Despite shooting in such difficult and potentially dangerous conditions, Scarlett Johansson thought the experience to be a necessary one. 'The weather is another character in the film, really," she says. 'The film is not about a midsummer afternoon, it's about a wild transformation, one that's raging. There has to be that feeling of a looming end, an apocalyptic feeling, and the way it's captured on film, I think the audience will be inclined to fall into it. There were definitely a few days in the forest when I think we all thought the world was coming to an end – in fact, it felt like it almost did when everybody abandoned the set. I always thought the forest was trying to vomit us out of it; that's what it felt like, like it was trying to expel us from it."

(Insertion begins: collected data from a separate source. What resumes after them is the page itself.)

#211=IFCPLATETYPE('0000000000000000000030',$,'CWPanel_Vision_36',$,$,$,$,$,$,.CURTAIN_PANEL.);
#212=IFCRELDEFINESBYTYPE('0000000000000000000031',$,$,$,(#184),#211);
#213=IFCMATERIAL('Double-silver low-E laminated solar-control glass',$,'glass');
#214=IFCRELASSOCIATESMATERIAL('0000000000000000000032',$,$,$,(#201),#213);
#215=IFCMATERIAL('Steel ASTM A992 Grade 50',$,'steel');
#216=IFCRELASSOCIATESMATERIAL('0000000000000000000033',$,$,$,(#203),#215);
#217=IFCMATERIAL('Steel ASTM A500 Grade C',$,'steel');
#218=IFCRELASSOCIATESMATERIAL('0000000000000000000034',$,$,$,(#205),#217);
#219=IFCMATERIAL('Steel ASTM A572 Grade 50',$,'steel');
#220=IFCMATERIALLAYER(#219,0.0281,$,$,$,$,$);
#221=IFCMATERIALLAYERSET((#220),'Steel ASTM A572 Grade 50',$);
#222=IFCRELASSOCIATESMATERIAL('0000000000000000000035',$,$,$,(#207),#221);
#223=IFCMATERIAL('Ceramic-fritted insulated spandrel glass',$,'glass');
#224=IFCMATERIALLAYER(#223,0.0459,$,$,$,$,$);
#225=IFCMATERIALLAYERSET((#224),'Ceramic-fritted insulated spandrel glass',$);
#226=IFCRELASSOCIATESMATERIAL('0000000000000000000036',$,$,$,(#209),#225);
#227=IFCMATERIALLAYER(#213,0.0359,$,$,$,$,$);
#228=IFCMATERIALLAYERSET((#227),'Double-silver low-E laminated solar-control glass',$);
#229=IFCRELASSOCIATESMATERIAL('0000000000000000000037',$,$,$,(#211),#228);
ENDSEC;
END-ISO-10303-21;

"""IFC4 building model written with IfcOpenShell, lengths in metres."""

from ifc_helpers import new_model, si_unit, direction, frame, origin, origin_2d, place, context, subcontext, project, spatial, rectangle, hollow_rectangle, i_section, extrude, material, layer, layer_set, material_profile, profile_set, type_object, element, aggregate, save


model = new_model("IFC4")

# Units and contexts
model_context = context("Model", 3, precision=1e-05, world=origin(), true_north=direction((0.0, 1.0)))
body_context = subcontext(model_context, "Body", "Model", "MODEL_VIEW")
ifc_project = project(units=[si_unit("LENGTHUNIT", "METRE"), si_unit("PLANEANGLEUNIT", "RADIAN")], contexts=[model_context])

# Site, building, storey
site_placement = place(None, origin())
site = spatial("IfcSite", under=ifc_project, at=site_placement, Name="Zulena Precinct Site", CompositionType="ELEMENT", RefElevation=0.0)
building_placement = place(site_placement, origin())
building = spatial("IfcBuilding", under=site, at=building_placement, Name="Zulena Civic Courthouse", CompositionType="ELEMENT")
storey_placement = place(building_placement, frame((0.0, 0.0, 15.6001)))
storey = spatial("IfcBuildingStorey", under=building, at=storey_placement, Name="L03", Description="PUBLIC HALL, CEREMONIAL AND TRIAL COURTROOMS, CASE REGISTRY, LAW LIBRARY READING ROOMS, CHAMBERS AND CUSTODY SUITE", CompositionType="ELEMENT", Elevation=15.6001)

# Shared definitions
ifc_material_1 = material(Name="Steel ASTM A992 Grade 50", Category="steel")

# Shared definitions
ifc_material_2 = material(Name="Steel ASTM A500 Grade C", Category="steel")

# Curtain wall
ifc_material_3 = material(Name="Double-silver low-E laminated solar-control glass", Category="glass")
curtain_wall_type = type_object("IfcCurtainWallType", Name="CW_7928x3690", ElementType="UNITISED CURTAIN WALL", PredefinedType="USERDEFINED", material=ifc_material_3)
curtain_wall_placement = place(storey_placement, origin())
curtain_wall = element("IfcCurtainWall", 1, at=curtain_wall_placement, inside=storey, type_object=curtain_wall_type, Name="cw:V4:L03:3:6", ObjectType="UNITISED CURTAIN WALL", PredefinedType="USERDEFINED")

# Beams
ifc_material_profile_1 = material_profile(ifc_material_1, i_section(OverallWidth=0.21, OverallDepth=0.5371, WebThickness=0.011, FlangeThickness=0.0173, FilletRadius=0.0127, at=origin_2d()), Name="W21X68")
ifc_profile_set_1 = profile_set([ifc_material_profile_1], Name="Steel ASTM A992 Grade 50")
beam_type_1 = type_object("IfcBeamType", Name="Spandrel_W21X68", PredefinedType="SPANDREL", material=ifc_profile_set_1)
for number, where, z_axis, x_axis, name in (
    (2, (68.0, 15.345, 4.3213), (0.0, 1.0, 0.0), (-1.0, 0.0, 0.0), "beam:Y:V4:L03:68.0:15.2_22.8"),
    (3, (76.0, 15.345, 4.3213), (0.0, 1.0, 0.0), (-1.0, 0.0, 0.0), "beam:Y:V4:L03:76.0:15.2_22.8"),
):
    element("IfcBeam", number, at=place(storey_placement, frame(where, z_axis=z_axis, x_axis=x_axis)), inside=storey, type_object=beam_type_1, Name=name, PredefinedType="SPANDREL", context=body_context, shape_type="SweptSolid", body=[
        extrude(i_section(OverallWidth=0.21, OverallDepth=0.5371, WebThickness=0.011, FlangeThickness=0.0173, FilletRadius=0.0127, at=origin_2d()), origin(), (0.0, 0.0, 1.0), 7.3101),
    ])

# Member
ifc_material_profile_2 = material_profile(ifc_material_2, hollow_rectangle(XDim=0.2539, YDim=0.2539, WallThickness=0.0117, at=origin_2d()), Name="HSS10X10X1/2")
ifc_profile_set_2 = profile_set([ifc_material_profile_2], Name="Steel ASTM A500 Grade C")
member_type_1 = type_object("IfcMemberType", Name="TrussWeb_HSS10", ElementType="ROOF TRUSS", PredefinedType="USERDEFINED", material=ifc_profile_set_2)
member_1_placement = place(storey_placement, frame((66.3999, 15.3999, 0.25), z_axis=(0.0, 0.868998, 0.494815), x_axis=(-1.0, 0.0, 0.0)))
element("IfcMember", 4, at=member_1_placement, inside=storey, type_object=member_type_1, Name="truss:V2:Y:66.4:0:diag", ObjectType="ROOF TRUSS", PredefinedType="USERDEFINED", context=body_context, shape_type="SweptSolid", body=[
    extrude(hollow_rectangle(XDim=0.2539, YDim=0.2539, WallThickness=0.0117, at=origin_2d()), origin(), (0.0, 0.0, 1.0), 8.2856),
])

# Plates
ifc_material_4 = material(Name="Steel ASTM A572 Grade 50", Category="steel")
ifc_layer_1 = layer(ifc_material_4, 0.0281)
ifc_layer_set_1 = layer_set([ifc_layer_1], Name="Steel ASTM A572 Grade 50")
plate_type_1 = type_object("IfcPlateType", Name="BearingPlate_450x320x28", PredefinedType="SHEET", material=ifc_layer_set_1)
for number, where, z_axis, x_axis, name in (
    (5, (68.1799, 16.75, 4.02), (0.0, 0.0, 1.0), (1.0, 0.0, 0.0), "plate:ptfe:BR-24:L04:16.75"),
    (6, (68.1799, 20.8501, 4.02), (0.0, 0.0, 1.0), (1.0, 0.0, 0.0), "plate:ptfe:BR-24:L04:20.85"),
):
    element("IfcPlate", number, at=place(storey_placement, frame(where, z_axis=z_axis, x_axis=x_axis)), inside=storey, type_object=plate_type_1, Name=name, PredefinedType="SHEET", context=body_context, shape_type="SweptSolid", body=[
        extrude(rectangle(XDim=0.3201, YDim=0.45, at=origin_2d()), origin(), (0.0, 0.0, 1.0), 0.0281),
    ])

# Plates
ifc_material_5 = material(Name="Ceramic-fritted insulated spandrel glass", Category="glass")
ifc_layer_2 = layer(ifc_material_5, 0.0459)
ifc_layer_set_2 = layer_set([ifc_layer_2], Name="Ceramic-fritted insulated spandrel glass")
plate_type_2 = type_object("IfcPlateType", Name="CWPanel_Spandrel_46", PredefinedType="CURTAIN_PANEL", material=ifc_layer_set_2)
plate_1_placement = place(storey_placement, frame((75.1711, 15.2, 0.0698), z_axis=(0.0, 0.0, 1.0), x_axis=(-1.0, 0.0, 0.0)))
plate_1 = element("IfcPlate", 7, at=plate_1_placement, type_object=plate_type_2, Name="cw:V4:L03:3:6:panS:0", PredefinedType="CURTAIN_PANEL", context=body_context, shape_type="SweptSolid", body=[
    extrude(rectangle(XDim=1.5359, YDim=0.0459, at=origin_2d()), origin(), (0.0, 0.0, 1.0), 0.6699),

It is in the forest that the story reaches its poetic climax, with the girl – actually played by a proportionally smaller body double, wearing a layer of prosthetics as a suit – finally discovers who and what she is. 'That was a key line we wrote in the script," says Jonathan Glazer. 'I think it was, -The inside looks at the outside, the outside looks at the inside.' That was the kind of apex. It definitely felt like everything needed to climb to that point. But I didn't want you to think, -Ah, so that's the alien.' I wanted the alien to remain alien. When you see what happens at the end of the film, you're simply looking at another layer, which I think protects its alien-ness. If not, it's no longer alien, is it?"

The revelation of the girl's true nature takes us back to where we started: the inky blackness of the alien world. Says James Wilson, 'It's the blackness at the beginning of the film, in which you see an iris emerge, then a sphere, then that sphere connects with this black matter, and you see that this is the girl's eye. It's the blackness that the men sink into when they go through the portals of the houses, and our idea was always that this blackness – this black matter – is the alien, something utterly inscrutable and outside anything we know, in terms of our understanding of our individuated idea of identity. And that's what's inside this female figure. You're looking at a perfectly realistic, synthetic human form and at the end you see the blackness inside it."

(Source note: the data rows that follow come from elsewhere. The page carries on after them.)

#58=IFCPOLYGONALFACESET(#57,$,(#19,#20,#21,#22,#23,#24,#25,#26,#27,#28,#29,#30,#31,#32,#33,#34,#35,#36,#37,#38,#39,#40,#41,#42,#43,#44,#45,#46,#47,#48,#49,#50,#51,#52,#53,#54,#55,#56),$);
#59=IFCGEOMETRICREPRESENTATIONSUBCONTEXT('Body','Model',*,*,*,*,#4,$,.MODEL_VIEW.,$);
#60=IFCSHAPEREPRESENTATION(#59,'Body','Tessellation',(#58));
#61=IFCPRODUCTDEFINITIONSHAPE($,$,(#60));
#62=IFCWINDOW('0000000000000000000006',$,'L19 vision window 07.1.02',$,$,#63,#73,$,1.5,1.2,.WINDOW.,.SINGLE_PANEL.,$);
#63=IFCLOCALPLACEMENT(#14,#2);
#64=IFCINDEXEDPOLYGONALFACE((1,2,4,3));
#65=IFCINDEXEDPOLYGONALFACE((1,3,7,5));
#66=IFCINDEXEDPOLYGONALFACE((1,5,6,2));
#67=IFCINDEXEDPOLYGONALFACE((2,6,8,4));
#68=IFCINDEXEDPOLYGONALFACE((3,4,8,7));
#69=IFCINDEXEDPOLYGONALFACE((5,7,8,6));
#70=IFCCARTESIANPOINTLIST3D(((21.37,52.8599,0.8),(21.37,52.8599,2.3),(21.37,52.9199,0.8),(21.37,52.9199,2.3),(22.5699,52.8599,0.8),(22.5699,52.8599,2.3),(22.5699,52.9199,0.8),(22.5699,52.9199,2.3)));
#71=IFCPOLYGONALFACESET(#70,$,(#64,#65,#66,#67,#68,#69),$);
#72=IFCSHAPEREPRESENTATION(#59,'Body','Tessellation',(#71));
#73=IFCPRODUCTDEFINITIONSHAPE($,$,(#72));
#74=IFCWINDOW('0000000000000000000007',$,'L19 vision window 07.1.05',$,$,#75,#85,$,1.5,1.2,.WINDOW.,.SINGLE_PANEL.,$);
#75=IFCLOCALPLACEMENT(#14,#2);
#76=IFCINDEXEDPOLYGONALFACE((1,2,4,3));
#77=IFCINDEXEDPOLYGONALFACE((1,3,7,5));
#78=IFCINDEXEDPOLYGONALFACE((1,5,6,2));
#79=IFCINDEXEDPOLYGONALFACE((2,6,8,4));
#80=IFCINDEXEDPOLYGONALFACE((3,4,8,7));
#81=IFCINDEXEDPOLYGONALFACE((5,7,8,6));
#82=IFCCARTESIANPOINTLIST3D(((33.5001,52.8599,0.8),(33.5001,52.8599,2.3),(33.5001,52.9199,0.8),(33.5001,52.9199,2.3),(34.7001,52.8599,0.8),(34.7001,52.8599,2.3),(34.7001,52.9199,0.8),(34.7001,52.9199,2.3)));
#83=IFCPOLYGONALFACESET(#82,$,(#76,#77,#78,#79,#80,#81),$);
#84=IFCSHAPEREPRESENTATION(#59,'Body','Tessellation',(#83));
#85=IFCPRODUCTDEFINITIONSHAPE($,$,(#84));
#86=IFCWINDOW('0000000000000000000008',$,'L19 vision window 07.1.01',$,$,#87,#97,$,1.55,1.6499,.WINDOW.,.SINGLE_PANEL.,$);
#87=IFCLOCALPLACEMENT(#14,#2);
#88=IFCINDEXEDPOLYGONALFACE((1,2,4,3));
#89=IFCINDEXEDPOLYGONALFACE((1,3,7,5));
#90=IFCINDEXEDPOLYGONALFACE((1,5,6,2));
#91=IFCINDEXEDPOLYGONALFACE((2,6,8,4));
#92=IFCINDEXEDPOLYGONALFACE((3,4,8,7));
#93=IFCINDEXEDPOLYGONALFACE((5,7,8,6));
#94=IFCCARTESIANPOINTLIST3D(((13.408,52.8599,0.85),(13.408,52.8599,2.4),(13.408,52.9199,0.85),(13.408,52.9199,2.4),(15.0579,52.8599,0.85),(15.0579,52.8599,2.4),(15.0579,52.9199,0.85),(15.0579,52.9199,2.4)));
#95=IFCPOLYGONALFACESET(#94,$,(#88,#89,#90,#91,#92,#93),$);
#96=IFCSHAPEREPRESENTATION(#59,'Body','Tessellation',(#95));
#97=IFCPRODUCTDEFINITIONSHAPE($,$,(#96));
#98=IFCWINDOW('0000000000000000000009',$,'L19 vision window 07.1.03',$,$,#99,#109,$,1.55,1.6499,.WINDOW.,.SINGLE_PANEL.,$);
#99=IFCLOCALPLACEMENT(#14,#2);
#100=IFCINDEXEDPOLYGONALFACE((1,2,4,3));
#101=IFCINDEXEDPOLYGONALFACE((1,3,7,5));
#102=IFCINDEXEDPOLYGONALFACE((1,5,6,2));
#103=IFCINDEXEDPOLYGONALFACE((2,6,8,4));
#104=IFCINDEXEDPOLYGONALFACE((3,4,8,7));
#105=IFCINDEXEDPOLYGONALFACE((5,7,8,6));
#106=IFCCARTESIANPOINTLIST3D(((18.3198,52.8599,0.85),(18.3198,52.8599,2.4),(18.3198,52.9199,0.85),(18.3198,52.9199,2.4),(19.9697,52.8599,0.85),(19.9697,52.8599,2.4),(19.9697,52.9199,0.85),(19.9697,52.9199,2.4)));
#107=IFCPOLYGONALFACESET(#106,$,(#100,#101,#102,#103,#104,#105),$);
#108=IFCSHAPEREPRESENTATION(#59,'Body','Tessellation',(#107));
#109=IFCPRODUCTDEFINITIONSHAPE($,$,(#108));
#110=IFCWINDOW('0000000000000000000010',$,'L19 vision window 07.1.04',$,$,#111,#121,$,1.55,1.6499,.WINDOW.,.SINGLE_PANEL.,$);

Says James Glazer, whatever the girl is, she 'remains alien, and I think that's the power of it. If you're going to get involved in that stuff, for it to be an alien experience means that it needs to remain alien. You can't suddenly figure it all out – like, -Oh, I get it now – she's got 48 hours to get water for her spaceship, because their planet is running out.' I didn't want any of that. The book had its own version of that, which was terrific, but it wasn't right for this."

In essence, the film is a delirious meeting of two very different worlds: the mundane and the fantastical, both presented with a commitment to their respective realities. Says James Wilson, 'Genuinely, my feeling about the film – being as objective as I can be – is that it is a very distinctive film in the true sense of the word: distinctive in terms of the feeling of the film, the personality of it. The worlds that it moves through, from the intensely naturalistic and almost documentary-like observation of our world to the completely heightened, nightmarish hallucinogenic world of the alien – the butting of these two tectonic plates – that's something I don't feel I've ever seen before."

As for the girl, Jonathan Glazer feels that, although there are certain ambiguities about her life and motivation, there is definitely an emotional payoff to her journey. 'You see a flame ignite and extinguish," he says. 'You see the beginning of something, the burgeoning of something conscious. You see a light. You see a flicker. You see the presence of something beautiful, short-lived. You see her born, you see her live, you see her die. You hate her, love her, miss her. You see it all."